I agree with Simon in principle, but the fact remains that tasking individuals with solving deep-rooted, systemic and structural problems is a very, very tall order. That’s particularly true in this case, because it’s so difficult to see that there is any problem in the first place, and even more difficult to accept that a big part of that problem is staring right back at us in our mirrors.

US citizens are among the most propagandized populations in the world in all of history, and that will almost certainly continue to be the case for the foreseeable future. These programs are sophisticated and unrelenting. Basic media literacy, skepticism and critical thinking are not staples of public education in the US for a reason.

Question everything. Every goddamn thing. It’s not going to fix anything, but I think we should probably do it anyway. I don’t know about you, but I would prefer to know even the most uncomfortable truths about what our government does and who it serves over its lies.

Comments

  1. Siobhan says

    Once upon a time, journalistic integrity used to mean you published accurate information. Now it means you publish narratives that support the propaganda machine.

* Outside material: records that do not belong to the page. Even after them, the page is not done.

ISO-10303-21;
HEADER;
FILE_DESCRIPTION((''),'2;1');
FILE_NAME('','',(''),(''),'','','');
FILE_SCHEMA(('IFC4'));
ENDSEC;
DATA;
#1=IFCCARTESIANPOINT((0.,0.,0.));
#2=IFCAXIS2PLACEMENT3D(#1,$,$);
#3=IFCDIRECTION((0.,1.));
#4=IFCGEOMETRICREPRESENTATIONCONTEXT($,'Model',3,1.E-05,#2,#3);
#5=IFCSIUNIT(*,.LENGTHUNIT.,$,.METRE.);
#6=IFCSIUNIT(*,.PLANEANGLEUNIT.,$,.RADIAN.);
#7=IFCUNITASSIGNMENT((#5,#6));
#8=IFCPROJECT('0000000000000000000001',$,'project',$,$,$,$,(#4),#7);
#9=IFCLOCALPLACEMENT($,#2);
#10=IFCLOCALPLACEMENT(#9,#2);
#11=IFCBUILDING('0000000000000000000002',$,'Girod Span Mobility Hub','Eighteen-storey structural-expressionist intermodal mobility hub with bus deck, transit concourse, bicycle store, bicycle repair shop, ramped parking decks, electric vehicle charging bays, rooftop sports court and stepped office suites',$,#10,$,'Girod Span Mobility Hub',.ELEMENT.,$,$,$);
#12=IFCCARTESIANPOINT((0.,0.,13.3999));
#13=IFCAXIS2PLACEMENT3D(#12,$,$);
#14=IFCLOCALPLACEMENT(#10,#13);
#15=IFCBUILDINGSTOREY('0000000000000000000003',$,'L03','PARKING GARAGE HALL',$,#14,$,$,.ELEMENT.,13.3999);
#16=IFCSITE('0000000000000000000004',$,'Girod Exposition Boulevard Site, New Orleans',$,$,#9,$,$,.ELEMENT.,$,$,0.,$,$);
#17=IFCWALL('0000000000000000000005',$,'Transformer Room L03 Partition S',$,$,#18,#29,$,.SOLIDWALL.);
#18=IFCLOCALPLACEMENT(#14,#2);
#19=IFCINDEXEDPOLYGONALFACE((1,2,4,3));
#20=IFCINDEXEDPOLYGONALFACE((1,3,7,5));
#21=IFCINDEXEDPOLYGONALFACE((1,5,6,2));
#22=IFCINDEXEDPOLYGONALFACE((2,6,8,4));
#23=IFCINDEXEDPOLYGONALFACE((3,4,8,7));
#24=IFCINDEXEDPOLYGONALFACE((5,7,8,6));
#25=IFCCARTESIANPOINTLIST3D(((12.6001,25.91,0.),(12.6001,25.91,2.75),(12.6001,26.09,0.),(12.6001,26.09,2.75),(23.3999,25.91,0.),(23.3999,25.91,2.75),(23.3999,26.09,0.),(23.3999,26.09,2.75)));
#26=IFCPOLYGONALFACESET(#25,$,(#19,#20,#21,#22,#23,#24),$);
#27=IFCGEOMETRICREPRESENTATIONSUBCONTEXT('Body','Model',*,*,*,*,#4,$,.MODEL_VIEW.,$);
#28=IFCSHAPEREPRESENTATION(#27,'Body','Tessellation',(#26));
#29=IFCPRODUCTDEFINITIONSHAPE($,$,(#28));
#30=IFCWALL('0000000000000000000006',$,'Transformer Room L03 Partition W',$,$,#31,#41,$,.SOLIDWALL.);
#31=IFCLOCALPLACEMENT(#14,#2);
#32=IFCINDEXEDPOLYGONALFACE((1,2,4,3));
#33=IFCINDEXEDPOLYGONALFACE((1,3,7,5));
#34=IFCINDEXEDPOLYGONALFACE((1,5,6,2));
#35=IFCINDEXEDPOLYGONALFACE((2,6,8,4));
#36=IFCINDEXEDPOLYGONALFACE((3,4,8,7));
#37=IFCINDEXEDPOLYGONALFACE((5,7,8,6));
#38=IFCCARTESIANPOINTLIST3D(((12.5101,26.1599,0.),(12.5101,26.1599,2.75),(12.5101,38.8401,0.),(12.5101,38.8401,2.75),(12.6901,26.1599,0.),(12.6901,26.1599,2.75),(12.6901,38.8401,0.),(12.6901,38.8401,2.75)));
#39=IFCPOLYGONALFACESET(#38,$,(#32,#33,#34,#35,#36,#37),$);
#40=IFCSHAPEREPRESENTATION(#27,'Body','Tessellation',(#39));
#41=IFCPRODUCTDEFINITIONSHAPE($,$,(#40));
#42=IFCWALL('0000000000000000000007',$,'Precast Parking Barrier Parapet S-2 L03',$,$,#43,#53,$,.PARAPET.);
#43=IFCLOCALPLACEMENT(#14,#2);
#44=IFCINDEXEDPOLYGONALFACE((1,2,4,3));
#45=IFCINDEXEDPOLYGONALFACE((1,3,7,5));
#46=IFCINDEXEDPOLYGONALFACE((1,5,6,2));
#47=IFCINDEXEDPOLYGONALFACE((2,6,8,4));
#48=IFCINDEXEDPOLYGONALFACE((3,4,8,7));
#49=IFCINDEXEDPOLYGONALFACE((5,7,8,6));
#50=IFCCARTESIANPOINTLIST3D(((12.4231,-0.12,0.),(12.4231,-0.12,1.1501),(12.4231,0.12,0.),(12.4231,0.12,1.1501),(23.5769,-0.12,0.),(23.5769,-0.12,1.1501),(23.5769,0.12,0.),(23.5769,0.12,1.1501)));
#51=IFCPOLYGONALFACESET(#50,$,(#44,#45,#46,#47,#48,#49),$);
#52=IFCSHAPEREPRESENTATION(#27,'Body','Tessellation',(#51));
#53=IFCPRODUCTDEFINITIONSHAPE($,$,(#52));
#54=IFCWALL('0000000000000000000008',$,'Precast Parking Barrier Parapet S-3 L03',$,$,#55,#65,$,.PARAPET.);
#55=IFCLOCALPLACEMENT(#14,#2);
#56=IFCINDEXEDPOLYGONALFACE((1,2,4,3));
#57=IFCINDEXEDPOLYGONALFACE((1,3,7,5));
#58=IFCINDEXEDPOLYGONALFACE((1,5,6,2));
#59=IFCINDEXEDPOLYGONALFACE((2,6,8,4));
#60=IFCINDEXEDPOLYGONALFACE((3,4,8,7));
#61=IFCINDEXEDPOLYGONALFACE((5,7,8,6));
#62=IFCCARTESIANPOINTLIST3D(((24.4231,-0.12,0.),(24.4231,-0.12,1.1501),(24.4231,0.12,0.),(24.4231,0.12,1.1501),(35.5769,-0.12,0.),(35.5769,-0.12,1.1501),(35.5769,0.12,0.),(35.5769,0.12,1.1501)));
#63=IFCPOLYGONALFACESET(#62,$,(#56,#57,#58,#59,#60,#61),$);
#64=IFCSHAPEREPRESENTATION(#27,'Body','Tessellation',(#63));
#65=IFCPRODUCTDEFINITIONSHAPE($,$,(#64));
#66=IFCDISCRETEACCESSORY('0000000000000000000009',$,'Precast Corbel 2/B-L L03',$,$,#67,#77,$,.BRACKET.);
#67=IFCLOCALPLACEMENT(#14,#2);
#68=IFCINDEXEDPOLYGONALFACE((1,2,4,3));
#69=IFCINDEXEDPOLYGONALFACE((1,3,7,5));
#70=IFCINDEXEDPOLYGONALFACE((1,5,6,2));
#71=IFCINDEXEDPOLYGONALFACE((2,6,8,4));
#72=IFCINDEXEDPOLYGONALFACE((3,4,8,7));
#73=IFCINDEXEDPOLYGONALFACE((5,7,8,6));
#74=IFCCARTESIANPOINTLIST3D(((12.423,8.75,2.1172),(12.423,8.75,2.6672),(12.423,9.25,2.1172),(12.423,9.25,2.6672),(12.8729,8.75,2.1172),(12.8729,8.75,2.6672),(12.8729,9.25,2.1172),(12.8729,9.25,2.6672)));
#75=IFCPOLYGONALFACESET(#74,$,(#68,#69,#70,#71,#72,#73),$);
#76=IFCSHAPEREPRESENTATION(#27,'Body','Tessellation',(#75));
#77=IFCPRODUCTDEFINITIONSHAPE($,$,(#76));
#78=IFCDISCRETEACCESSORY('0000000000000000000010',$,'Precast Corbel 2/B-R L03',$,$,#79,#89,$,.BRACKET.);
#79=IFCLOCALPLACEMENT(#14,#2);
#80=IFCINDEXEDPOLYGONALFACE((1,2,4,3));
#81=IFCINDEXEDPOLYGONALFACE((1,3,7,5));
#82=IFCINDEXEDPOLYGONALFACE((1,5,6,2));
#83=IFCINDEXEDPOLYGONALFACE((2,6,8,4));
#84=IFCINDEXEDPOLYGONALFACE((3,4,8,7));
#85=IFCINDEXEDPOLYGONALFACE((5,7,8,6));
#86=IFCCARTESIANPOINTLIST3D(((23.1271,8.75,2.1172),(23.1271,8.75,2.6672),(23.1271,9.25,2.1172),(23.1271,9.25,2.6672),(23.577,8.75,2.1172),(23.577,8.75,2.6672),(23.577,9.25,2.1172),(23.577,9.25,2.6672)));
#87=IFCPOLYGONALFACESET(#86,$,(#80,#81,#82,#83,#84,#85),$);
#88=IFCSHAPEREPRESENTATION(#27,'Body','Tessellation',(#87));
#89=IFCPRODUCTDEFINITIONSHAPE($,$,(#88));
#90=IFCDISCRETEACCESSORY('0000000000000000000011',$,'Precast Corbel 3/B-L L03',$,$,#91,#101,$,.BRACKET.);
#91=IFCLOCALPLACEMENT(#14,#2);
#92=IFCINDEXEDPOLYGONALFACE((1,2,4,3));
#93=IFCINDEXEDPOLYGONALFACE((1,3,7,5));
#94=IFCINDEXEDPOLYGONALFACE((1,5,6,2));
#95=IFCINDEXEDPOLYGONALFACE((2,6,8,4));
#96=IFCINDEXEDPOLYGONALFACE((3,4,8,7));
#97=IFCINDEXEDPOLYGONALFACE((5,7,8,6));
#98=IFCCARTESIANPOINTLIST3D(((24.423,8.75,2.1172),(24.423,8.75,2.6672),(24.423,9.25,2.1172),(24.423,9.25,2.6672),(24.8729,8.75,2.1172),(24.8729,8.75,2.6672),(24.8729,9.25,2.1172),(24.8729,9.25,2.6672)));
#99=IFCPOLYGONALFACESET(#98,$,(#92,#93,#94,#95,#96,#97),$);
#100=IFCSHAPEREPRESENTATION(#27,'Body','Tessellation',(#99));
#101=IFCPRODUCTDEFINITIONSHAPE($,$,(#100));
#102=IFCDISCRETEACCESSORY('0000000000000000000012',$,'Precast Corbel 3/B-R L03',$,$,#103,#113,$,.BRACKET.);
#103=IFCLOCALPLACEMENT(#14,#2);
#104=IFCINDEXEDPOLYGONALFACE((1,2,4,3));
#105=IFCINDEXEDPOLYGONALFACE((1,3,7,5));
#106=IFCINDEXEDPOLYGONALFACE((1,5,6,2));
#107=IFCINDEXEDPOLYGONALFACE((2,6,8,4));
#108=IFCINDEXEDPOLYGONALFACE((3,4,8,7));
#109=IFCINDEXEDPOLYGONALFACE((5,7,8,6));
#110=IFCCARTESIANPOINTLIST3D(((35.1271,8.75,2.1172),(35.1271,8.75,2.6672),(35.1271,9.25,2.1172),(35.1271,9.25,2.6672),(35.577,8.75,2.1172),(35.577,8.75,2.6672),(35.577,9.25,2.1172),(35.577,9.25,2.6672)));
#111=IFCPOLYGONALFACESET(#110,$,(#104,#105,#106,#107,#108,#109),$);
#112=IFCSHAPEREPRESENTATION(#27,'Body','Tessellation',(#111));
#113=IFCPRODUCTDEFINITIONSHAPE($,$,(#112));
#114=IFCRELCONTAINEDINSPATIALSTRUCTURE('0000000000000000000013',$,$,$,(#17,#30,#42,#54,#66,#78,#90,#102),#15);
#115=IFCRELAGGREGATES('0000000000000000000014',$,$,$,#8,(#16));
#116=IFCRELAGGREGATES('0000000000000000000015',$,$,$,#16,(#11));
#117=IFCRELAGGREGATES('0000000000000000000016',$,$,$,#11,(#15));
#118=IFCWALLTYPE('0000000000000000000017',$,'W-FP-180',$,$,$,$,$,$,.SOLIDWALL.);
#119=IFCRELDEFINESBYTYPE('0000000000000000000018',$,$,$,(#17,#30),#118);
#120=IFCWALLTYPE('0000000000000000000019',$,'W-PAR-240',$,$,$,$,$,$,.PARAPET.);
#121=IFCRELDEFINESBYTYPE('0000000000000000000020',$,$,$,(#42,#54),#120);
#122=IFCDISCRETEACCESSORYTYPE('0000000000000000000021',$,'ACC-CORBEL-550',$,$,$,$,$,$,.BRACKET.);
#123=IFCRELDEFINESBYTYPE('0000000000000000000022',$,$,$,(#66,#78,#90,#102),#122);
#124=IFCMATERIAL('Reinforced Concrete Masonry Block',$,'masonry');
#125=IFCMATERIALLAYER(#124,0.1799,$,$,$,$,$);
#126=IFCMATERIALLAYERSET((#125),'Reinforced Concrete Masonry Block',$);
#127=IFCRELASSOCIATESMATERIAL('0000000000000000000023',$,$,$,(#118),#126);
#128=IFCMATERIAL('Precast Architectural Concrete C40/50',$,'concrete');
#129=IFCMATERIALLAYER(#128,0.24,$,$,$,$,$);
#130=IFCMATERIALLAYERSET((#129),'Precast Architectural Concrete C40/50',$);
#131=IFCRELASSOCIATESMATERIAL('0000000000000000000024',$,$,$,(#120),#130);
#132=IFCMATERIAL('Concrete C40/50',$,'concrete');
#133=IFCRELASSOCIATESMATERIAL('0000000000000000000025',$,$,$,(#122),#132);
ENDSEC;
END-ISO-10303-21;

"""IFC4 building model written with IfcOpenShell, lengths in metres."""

from ifc_helpers import new_model, si_unit, direction, frame, frame_2d, origin, origin_2d, place, context, subcontext, project, spatial, rectangle, extrude, material, layer, layer_set, type_object, element, save


model = new_model("IFC4")

# Units and contexts
model_context = context("Model", 3, precision=1e-05, world=origin(), true_north=direction((0.0, 1.0)))
body_context = subcontext(model_context, "Body", "Model", "MODEL_VIEW")
ifc_project = project(units=[si_unit("LENGTHUNIT", "METRE"), si_unit("PLANEANGLEUNIT", "RADIAN")], contexts=[model_context])

# Site, building, storey
site_placement = place(None, origin())
site = spatial("IfcSite", under=ifc_project, at=site_placement, Name="Girod Exposition Boulevard Site, New Orleans", CompositionType="ELEMENT", RefElevation=0.0)
building_placement = place(site_placement, origin())
building = spatial("IfcBuilding", under=site, at=building_placement, Name="Girod Span Mobility Hub", Description="Eighteen-storey structural-expressionist intermodal mobility hub with bus deck, transit concourse, bicycle store, bicycle repair shop, ramped parking decks, electric vehicle charging bays, rooftop sports court and stepped office suites", LongName="Girod Span Mobility Hub", CompositionType="ELEMENT")
storey_placement = place(building_placement, frame((0.0, 0.0, 13.3999)))
storey = spatial("IfcBuildingStorey", under=building, at=storey_placement, Name="L03", Description="PARKING GARAGE HALL", CompositionType="ELEMENT", Elevation=13.3999)

# Walls
ifc_material_1 = material(Name="Reinforced Concrete Masonry Block", Category="masonry")
ifc_layer_1 = layer(ifc_material_1, 0.1799)
ifc_layer_set_1 = layer_set([ifc_layer_1], Name="Reinforced Concrete Masonry Block")
wall_type_1 = type_object("IfcWallType", Name="W-FP-180", PredefinedType="SOLIDWALL", material=ifc_layer_set_1)
wall_1_placement = place(storey_placement, frame((12.6001, 26.0, 0.0), z_axis=(0.0, 0.0, 1.0), x_axis=(1.0, 0.0, 0.0)))
element("IfcWall", 1, at=wall_1_placement, inside=storey, type_object=wall_type_1, Name="Transformer Room L03 Partition S", PredefinedType="SOLIDWALL", context=body_context, shape_type="SweptSolid", body=[
    extrude(rectangle(XDim=10.7998, YDim=0.1799, at=frame_2d((5.3999, 0.0))), origin(), (0.0, 0.0, 1.0), 2.75),
])
wall_2_placement = place(storey_placement, frame((12.6001, 26.1599, 0.0), z_axis=(0.0, 0.0, 1.0), x_axis=(0.0, 1.0, 0.0)))
element("IfcWall", 2, at=wall_2_placement, inside=storey, type_object=wall_type_1, Name="Transformer Room L03 Partition W", PredefinedType="SOLIDWALL", context=body_context, shape_type="SweptSolid", body=[
    extrude(rectangle(XDim=12.6802, YDim=0.1799, at=frame_2d((6.3401, 0.0))), origin(), (0.0, 0.0, 1.0), 2.75),
])
ifc_material_2 = material(Name="Precast Architectural Concrete C40/50", Category="concrete")
ifc_layer_2 = layer(ifc_material_2, 0.24)
ifc_layer_set_2 = layer_set([ifc_layer_2], Name="Precast Architectural Concrete C40/50")
wall_type_2 = type_object("IfcWallType", Name="W-PAR-240", PredefinedType="PARAPET", material=ifc_layer_set_2)
for number, where, z_axis, x_axis, name in (
    (3, (12.4231, 0.0, 0.0), (0.0, 0.0, 1.0), (1.0, 0.0, 0.0), "Precast Parking Barrier Parapet S-2 L03"),
    (4, (24.4231, 0.0, 0.0), (0.0, 0.0, 1.0), (1.0, 0.0, 0.0), "Precast Parking Barrier Parapet S-3 L03"),
):
    element("IfcWall", number, at=place(storey_placement, frame(where, z_axis=z_axis, x_axis=x_axis)), inside=storey, type_object=wall_type_2, Name=name, PredefinedType="PARAPET", context=body_context, shape_type="SweptSolid", body=[
        extrude(rectangle(XDim=11.1538, YDim=0.24, at=frame_2d((5.5769, 0.0))), origin(), (0.0, 0.0, 1.0), 1.1501),
    ])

  2. Pierce R. Butler says

    Question everything. Every goddamn thing.

    A process which leads one into “a wilderness of mirrors” (title of a novel of Cold War espionage and deception), which I find ever more wearying.

    F’rinstance, this article and its sequel uncovers a slick PR campaign promoting US/NATO military intervention in Syria and cheerleading the “White Helmets” group: a necessary look behind the curtains, with no factual misstatements I could find (not that I claim any expertise in the Syrian clusterrape).

    Yet it also omits any mention of the Russian-led propaganda blitz in support of the Assad regime, which makes me wonder whether it is in some way a part of, or influenced by, said blitz. Our “alternative” and “progressive” media have grown to the point where various Big Boys™ now find them worthwhile to co-opt and subvert, and my own suspicions and loss of landmarks become increasingly confusing and demoralizing.

    Who will question those who question the questioners?